Intradermal, skin-based approaches were viewed as promising because, according to the CDC, it requires a 90% smaller needle and 40% fewer antigens in the vaccine itself, meaning more vaccine doses can be made.

This approach also provides the same immune response as a traditional intramuscular flu shot; dermal dendritic cells targeted by the vaccine are very efficient at presenting antigens against viruses.

The 2012-3 flu season saw the first use of an intradermal flu vaccine, Sanofi’s Fluzone, which was approved by the FDA in 2011.

2012 – Improving upon trivalent vaccines

To reduce the likelihood of a mismatch between the viruses seasonally circulating and the composition vaccine, while maintaining the same immunogenicity and safety as trivalent vaccines, GSK developed the first quadrivalent vaccine Fluarix. It contains two strains of influenza A and two strains of type B, one from each antigenically distinct lineage.

Quadrivalent has now become the standardised dosage approach for seasonal flu vaccine; vaccines originally created with only three viruses, such as Sanofi’s Fluzone, have been updated to contain another influenza B virus.

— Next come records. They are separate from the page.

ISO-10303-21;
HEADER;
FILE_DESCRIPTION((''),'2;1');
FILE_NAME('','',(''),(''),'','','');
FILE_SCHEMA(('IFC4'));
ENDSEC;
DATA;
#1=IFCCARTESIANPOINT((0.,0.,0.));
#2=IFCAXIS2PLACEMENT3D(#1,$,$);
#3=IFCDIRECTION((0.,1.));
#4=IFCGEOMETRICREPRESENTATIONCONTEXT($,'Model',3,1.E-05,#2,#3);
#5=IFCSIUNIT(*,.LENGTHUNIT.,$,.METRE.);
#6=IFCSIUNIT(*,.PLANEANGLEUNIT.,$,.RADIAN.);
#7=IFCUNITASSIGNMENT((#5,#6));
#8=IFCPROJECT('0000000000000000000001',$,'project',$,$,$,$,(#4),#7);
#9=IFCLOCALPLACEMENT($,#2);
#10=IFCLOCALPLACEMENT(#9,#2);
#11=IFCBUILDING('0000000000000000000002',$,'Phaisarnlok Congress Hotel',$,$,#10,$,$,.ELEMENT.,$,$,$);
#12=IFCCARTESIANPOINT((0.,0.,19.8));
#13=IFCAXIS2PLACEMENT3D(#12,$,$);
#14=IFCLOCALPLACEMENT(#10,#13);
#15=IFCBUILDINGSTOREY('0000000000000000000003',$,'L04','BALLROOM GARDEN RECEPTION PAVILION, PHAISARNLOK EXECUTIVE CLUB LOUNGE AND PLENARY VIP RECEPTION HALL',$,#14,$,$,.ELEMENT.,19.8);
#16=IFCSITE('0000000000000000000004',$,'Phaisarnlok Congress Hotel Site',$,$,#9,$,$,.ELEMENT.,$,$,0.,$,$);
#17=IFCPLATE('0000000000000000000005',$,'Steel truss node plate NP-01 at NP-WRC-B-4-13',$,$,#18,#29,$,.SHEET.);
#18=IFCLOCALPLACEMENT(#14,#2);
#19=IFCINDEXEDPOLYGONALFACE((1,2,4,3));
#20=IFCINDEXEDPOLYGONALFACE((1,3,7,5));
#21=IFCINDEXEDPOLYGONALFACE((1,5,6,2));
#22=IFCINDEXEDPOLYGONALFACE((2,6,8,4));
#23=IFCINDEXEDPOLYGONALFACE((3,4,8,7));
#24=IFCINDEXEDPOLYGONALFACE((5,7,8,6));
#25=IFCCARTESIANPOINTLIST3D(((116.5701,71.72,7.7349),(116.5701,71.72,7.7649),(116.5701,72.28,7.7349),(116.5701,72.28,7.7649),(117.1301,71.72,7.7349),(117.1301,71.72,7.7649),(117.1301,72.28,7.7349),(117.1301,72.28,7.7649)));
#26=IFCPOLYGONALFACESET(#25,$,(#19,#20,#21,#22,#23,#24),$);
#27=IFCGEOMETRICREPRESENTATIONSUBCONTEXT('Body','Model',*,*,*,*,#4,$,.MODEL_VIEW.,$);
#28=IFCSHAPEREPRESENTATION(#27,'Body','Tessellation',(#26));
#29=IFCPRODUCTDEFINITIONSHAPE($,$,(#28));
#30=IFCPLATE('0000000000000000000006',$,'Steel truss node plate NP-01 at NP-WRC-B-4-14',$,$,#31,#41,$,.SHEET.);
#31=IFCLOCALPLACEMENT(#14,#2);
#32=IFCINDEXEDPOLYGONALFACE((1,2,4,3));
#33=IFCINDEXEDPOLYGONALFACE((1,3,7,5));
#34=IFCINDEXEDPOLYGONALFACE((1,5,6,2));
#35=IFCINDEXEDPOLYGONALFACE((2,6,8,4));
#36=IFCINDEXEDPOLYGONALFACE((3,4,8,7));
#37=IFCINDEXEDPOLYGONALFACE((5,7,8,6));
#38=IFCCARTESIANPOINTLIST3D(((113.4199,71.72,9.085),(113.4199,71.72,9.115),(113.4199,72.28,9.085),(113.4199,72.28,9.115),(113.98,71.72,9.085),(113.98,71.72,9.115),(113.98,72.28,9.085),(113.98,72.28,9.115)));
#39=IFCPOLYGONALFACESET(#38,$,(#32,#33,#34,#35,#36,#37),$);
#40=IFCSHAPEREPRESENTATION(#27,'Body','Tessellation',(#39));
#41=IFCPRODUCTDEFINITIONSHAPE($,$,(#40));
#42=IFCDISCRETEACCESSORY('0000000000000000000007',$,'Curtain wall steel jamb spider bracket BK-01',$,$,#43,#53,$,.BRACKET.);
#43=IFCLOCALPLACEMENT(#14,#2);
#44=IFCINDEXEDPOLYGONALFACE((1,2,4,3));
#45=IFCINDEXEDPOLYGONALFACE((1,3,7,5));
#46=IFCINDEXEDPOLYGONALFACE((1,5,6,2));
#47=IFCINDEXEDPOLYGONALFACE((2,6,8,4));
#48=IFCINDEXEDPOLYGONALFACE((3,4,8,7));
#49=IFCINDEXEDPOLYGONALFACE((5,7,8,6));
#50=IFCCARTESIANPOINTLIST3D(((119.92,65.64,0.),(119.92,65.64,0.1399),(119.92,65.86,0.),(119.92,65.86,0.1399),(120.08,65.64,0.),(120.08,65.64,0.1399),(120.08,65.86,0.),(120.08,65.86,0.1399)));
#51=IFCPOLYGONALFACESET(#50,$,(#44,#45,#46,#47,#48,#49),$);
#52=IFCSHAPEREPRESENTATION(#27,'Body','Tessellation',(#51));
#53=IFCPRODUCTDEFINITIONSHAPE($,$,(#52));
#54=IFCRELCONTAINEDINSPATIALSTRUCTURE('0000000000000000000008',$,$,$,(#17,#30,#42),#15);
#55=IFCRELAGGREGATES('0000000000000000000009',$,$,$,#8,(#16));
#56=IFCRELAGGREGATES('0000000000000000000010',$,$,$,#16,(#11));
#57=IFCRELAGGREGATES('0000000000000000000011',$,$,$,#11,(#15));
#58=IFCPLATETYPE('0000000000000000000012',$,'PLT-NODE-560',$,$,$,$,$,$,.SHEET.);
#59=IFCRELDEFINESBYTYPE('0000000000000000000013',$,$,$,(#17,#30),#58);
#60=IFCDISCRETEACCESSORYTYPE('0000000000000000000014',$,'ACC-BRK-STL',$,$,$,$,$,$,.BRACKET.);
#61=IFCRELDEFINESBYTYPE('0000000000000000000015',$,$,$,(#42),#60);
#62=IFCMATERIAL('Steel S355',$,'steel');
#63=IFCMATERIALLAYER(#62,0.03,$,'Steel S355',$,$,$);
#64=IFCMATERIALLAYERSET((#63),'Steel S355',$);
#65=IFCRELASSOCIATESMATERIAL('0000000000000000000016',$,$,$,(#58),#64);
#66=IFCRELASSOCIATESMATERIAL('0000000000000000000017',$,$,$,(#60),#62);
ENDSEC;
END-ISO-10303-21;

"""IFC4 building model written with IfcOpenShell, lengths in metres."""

from ifc_helpers import new_model, si_unit, direction, frame, origin, origin_2d, place, context, subcontext, project, spatial, rectangle, extrude, material, layer, layer_set, type_object, element, save


model = new_model("IFC4")

# Units and contexts
model_context = context("Model", 3, precision=1e-05, world=origin(), true_north=direction((0.0, 1.0)))
body_context = subcontext(model_context, "Body", "Model", "MODEL_VIEW")
ifc_project = project(units=[si_unit("LENGTHUNIT", "METRE"), si_unit("PLANEANGLEUNIT", "RADIAN")], contexts=[model_context])

# Site, building, storey
site_placement = place(None, origin())
site = spatial("IfcSite", under=ifc_project, at=site_placement, Name="Phaisarnlok Congress Hotel Site", CompositionType="ELEMENT", RefElevation=0.0)
building_placement = place(site_placement, origin())
building = spatial("IfcBuilding", under=site, at=building_placement, Name="Phaisarnlok Congress Hotel", CompositionType="ELEMENT")
storey_placement = place(building_placement, frame((0.0, 0.0, 19.8)))
storey = spatial("IfcBuildingStorey", under=building, at=storey_placement, Name="L04", Description="BALLROOM GARDEN RECEPTION PAVILION, PHAISARNLOK EXECUTIVE CLUB LOUNGE AND PLENARY VIP RECEPTION HALL", CompositionType="ELEMENT", Elevation=19.8)

# Shared definitions
ifc_material_1 = material(Name="Steel S355", Category="steel")

# Plates
ifc_layer_1 = layer(ifc_material_1, 0.03, Name="Steel S355")
ifc_layer_set_1 = layer_set([ifc_layer_1], Name="Steel S355")
plate_type_1 = type_object("IfcPlateType", Name="PLT-NODE-560", PredefinedType="SHEET", material=ifc_layer_set_1)
for number, where, z_axis, x_axis, name in (
    (1, (116.8501, 72.0, 7.7349), (0.0, 0.0, 1.0), (1.0, 0.0, 0.0), "Steel truss node plate NP-01 at NP-WRC-B-4-13"),
    (2, (113.7, 72.0, 9.085), (0.0, 0.0, 1.0), (1.0, 0.0, 0.0), "Steel truss node plate NP-01 at NP-WRC-B-4-14"),
):
    element("IfcPlate", number, at=place(storey_placement, frame(where, z_axis=z_axis, x_axis=x_axis)), inside=storey, type_object=plate_type_1, Name=name, PredefinedType="SHEET", context=body_context, shape_type="SweptSolid", body=[
        extrude(rectangle(XDim=0.5601, YDim=0.5601, at=origin_2d()), origin(), (0.0, 0.0, 1.0), 0.03),
    ])

# Discrete accessory
discrete_accessory_type = type_object("IfcDiscreteAccessoryType", Name="ACC-BRK-STL", PredefinedType="BRACKET", material=ifc_material_1)
discrete_accessory_placement = place(storey_placement, frame((120.0, 65.75, 0.0), z_axis=(0.0, 0.0, 1.0), x_axis=(1.0, 0.0, 0.0)))
element("IfcDiscreteAccessory", 3, at=discrete_accessory_placement, inside=storey, type_object=discrete_accessory_type, Name="Curtain wall steel jamb spider bracket BK-01", PredefinedType="BRACKET", context=body_context, shape_type="SweptSolid", body=[
    extrude(rectangle(XDim=0.1599, YDim=0.22, at=origin_2d()), origin(), (0.0, 0.0, 1.0), 0.1399),
])

save(model, "model.ifc")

2013 – Creating vaccines composed of recombinant proteins

Standard practice to manufacturing flu vaccines continued to involve using an egg-based culture and weakened flu viruses. However, to make production of viruses more nimble and flexible, facilitating quicker responses to the particular demands of a flu season, a recombinant protein-based manufacturing approach was developed. This production process makes people with egg allergies also able to be protected against flu.

Sanofi’s Flublok was the first recombinant vaccine approved by the FDA in 2013. It is made from three influenza haemagglutinin proteins, which are cultured inside insect, rather than chicken, eggs.

US Department of Health and Human Services Assistant Secretary Nicole Lurie wrote in a statement: “The method used to manufacture Flublok may help meet the increased demand for flu vaccine quickly because it has the potential for faster start-up of the manufacturing process than traditional egg-based vaccine methods.”

2019 – Progress towards a needle-free version

To help overcome patient reluctance, as well as difficulty in deploying needle-based vaccination methods in developing countries, the University of Rochester Medical Centre have created a needle-free vaccine patch that can cause the same immune response as a traditional flu shot in animal models. The results of the study were published in the Journal of Investigative Dermatology.

Dean’s professor of dermatology at the University and co-author of the study Lisa Beck commented: “[Developing] countries don’t have the manpower to vaccinate entire populations. On top of that, there’s an aversion to health care in many of these communities. A needle is painful, it’s invasive, and that makes things more difficult when you are dealing with a cultural bias against preventative medicine.”

The researchers developed synthetic peptides to bind to and inhibit claudin-1, which Beck had found to be responsible for the leakiness of eczema patients’ skin barriers. They then designed a patch containing these peptides and a recombinant flu vaccine.

Unfortunately, currently the patch is primarily effective when administered to boost immunity following an intramuscular injection of flu vaccine, but the team are planning to continue to work on the patch as they perform further animal studies and eventually clinical trials.